Brandsema: There are a few concepts that really need to be highlighted around SMA care relative to this new world that we've been in for the past 5 years, since the first targeted treatment was approved. The first is how critical it is to establish the diagnosis as soon as possible in somebody who's affected. There's been tremendous efforts to educate the frontline community in terms of pediatricians and physical therapists and others who are first interfacing with these people, to ensure that they're thinking about SMA, and that there's also widely available testing, genetically, to confirm the diagnosis. The deletion assay that we do at first is highly sensitive and specific, and then if we don't see something on the deletion assay, we'll sequence the SMN1 gene looking for that 4% or 5% that have a different change. So, establishing the diagnosis is critical so that we can get them on targeted treatment as soon as possible.
But the treatment is not curative, as I said earlier in the conversation too. And so the second really important point that we always talk about with the people involved with the person with SMA—whether it's their family or themselves, if they're older—is that having SMA is a lifelong condition and you need an SMA care team for your life that is focused on optimizing your health. There are nuances to all of the aspects of managing this disease that take expertise from the various specialties involved to make sure that we're making the right decisions together to truly have the most functional life possible with SMA.

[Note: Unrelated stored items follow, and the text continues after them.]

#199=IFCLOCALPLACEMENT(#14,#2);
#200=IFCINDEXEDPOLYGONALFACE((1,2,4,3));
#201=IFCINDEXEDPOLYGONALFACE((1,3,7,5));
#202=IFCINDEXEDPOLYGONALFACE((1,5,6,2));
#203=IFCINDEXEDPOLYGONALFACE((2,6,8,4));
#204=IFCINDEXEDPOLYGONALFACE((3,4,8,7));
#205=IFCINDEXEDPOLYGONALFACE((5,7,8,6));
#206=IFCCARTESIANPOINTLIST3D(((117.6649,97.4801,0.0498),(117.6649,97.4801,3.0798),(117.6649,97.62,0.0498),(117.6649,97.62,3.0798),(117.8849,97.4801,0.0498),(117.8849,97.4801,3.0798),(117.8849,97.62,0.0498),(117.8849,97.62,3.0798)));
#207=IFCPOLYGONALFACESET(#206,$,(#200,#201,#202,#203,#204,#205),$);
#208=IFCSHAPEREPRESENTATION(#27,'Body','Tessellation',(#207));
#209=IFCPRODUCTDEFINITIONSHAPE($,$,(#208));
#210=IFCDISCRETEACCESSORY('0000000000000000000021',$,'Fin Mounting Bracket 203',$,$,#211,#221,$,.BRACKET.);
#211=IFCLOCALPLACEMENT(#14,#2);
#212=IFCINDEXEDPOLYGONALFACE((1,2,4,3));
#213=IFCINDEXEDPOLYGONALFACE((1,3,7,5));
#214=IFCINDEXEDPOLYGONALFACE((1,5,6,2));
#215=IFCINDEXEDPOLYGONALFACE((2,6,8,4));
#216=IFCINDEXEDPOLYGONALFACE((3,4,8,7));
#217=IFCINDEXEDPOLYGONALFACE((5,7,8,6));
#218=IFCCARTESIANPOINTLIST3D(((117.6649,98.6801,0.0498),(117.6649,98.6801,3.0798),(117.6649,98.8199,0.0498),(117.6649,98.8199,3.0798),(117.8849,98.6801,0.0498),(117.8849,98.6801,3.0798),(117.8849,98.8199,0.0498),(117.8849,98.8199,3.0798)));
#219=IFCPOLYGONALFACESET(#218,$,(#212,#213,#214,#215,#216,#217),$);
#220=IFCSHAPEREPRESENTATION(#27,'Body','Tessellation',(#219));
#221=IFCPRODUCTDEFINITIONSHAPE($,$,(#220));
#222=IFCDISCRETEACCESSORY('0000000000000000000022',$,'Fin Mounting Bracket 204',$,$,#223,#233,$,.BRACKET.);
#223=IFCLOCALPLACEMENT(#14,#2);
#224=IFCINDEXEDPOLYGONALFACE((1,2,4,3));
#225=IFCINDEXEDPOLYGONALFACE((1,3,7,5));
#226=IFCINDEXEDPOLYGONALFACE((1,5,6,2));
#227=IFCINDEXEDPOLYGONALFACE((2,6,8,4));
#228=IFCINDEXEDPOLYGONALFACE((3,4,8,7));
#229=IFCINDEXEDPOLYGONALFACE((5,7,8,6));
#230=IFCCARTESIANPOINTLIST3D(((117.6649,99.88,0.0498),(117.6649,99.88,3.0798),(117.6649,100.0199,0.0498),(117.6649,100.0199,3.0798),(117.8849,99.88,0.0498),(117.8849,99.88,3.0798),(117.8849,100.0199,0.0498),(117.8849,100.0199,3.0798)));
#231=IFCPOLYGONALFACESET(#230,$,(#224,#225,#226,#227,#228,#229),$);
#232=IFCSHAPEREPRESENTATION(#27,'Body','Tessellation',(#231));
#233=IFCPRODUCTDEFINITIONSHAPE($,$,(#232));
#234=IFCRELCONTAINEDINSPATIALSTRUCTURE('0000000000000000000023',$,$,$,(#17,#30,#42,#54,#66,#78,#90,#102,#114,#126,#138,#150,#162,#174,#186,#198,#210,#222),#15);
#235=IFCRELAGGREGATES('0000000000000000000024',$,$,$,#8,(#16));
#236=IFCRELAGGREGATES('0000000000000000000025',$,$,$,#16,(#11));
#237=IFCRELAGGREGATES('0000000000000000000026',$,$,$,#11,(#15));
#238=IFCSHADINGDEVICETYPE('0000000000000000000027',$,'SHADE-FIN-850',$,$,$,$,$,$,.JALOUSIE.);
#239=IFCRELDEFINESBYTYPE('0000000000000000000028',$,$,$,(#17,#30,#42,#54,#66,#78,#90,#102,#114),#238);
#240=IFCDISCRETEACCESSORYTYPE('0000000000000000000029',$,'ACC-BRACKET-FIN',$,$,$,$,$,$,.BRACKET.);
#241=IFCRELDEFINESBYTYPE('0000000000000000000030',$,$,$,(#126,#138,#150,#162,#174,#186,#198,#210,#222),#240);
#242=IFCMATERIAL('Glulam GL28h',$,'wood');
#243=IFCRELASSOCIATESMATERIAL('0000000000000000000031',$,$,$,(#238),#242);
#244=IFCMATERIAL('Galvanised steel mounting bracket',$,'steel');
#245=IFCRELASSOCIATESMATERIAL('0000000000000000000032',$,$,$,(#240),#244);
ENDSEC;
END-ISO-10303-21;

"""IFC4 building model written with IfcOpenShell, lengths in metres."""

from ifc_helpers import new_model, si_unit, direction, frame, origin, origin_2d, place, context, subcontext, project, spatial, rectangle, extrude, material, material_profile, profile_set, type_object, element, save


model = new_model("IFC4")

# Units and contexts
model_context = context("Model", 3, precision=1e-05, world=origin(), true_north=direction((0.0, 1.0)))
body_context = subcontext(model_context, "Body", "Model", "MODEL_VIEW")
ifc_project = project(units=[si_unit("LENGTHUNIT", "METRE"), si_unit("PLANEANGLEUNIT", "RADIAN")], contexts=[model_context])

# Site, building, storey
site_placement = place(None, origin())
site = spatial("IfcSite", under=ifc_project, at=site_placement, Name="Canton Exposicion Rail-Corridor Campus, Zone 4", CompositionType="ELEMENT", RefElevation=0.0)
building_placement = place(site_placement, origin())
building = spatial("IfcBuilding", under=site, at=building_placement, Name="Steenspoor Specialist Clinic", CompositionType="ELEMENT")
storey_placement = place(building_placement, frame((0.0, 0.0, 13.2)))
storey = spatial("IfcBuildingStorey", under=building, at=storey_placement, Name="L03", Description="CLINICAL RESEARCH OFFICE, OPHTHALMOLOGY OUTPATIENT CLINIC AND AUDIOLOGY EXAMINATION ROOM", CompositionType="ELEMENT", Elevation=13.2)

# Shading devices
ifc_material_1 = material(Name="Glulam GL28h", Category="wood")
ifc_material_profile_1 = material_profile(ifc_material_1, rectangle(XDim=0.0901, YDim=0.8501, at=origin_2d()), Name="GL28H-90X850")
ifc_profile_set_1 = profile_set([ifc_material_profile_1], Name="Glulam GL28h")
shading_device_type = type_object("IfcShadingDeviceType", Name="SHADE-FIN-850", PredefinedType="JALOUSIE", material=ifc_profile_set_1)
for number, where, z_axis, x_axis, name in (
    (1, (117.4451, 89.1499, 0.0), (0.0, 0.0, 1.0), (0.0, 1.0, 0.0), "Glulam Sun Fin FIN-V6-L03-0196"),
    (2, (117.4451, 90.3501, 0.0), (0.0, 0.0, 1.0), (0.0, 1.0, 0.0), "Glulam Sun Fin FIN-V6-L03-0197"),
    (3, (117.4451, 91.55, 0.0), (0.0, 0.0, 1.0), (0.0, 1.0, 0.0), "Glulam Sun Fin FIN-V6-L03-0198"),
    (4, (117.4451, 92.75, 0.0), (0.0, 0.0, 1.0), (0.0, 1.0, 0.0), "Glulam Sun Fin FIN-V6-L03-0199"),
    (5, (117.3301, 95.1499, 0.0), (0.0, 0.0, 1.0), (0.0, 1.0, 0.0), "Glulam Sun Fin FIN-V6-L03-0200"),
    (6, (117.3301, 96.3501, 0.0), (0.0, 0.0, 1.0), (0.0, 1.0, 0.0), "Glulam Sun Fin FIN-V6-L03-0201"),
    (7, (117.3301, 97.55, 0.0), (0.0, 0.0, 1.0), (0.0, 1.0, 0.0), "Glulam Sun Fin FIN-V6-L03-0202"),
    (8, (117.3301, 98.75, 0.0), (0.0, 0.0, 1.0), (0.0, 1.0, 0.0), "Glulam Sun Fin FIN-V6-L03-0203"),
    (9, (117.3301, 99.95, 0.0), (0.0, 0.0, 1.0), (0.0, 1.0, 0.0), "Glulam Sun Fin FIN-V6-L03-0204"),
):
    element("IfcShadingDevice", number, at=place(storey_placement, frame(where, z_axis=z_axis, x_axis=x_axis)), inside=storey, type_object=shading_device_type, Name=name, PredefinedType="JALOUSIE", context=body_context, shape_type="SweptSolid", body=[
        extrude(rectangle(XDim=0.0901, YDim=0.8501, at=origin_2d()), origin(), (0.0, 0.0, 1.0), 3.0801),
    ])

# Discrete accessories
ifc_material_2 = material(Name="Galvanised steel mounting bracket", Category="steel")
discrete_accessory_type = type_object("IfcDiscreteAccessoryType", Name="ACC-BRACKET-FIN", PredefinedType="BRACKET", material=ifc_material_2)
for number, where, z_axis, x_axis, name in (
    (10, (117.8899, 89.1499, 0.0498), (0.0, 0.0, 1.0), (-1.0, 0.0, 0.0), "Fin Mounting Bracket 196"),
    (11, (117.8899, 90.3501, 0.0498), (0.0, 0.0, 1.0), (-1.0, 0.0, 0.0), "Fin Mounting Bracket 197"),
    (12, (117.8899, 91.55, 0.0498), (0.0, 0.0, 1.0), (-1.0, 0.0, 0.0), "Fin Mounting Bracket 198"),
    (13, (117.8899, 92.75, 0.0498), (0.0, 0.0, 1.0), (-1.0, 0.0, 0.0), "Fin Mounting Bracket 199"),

And I think that the really key point at the end of the day is that care for this disease is completely different now that we have these treatments available. We've gone from mourning loss with our patients in terms of things that are harder to do and trying to figure out how to still maintain quality of life in the context of more and more challenges and barriers, to visits where we're able to celebrate the things that are new that somebody's able to do. Or the fact that somebody's stayed stable compared to what we would've expected, which is that they would've had more challenges over time. Or even that those challenges aren't progressing at the same pace as they used to is still something to celebrate as a therapeutic effect. So, these clinic visits are much more optimistic, they're a lot of fun to be part of as a team because we're watching videos of what people have done at home or seeing them proudly show the new skills that they have on an examination, for example, and it's made the conversations about realistic expectations with this disease in terms of outcomes to be very different than what they were in the past.
We still can't improve everybody. If you've already experienced quite a significant progression of your SMA before you're able to go on treatment, it's harder to make a big impact on that, but we can stabilize it. And we're still doing more research to try and understand how to do even better. Whether it be other genetically targeted approaches, optimizing what we have with different dosing schedules or different approaches. I mentioned intrathecal gene transfer earlier in the conversation, for example. Or supporting other aspects of how the disease affects the body, like maybe we can use something that augments muscle function or something that augments the communication between nerves and muscles to further improve the outcomes of people with SMA.
We certainly don't think we're done now that we have these 3 options, but we're in a very different place than where we used to be. We want to keep striving to just make a life with SMA as functional as possible.